Le temps de changer la scène – et d’aller chercher une troisième bière, parce que raisons – les lumières s’éteignent et une petite musique annonce l’arrivée imminente de Galaad. L’intro de “L’Épistolier” est un petit truc tout simple qui, pour les personnes non prévenues, ne laisse pas présager de la tornade qui arrive. Les fans – et il y en a pas mal parmi la centaine de spectateurs présents – ont reconnu les signes avant-coureurs et foncent vers la scène.
Et c’est parti pour un concert que j’attendais depuis vingt ans! Il est 22 h 25 environ; je le signale, parce que je crois à avoir perdu l’heure et demie qui suit dans un continuum spatio-tempo-progressif.
Je suis au premier rang avec les fans, appareil photo à la main, à hurler les paroles – enfin, quand je m’en rappelle – et s’il y a quelques clichés flous dans le tas, c’est peut-être parce que j’ai l’impression d’avoir une poussière dans l’œil. À moins que ce ne soit encore un coup des ninjas coupeurs d’ognons…
Alors oui, les membres de Galaad ont vieilli. Sic transit et tout ça; moi aussi sic transit, d’ailleurs. Par contre, la musique de Galaad, elle, pas du tout! Non seulement le groupe va balancer pendant près d’une heure et demie la plupart des morceaux de Vae Victis – “L’Épistolier”, donc, “Le Feu et l’Eau”, “Les Ondes”, l’immensissime “La Loi de Brenn”, “Une Rose noire” et, en rappel, “Seul” – mais également quatre nouvelles compositions.

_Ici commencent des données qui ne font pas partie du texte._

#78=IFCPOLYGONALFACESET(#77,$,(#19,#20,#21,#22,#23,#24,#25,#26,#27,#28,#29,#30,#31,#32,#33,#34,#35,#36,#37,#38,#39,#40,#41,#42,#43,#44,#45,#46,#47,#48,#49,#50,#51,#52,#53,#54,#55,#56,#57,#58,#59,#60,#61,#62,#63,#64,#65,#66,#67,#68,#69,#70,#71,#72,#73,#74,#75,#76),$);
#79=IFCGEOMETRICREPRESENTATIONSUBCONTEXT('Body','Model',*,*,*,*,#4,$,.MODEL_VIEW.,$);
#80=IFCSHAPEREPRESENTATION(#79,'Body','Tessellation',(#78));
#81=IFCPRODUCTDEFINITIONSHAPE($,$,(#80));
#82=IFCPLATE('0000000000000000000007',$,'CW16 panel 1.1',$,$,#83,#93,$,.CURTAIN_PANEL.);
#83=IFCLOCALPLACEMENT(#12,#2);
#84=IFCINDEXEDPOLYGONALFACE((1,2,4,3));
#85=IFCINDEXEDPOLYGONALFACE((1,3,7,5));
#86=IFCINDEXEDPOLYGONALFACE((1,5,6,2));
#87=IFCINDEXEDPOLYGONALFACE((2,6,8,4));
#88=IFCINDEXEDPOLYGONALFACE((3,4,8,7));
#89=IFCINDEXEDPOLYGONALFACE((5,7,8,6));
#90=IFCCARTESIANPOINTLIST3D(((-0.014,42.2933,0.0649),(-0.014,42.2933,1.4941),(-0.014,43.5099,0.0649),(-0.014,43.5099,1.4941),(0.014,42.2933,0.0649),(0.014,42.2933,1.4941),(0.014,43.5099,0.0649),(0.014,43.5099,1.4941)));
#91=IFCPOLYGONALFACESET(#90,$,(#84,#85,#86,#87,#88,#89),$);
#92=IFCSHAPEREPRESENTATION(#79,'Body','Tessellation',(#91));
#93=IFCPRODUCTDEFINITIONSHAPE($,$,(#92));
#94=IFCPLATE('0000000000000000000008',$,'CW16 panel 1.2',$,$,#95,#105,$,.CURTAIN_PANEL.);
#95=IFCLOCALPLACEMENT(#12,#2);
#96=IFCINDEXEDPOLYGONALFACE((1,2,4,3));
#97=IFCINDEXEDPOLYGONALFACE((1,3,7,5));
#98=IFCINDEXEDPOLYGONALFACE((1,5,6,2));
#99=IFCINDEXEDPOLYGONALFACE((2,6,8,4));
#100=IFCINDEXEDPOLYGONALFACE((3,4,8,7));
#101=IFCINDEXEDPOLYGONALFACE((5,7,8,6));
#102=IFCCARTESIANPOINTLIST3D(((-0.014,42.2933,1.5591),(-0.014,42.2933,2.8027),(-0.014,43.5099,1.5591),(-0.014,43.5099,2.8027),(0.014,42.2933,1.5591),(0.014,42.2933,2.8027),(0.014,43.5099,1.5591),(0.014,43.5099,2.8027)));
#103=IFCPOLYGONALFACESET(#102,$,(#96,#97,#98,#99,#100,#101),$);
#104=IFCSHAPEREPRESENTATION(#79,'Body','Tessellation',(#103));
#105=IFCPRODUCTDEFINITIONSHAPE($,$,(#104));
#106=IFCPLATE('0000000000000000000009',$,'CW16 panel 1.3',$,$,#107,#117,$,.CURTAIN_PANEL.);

Et, j’aime autant vous dire que le Galaad de 2018 n’est pas resté bêtement planté dans les années nonante – ou même avant! Ces quatre titres – “Crier haut”, “Merci [pUr]”, “La Mauvaise terre” et “L’Esprit des frères” – sont impressionnants de modernité. Le groupe nous promet un nouvel album pour le printemps 2019 et ça promet du lourd.
Au reste, il est réjouissant de constater que, malgré les deux décennies de hiatus, le groupe n’a rien perdu de sa mæstria ni de son énergie. Ils tiennent la distance et maîtrisent leur sujet comme jamais. La voix de Pyt est toujours aussi puissante et son flow est une des grandes forces du groupe.
Vous l’aurez compris, ce concert a été pour moi un grand moment. Vingt ans que je l’attendais: Galaad est revenu et ça va poutrer! Des soirées comme celle-là, j’en redemande – même s’il faut après gérer le retour à minuit passée, avec métro, train, bus, puis vélo jusqu’à mes pénates campagnardes, puis le reste de la semaine (pas fou: j’avais pris congé).
Et, d’ailleurs, le lendemain, rebelote – mais je vous en reparlerai.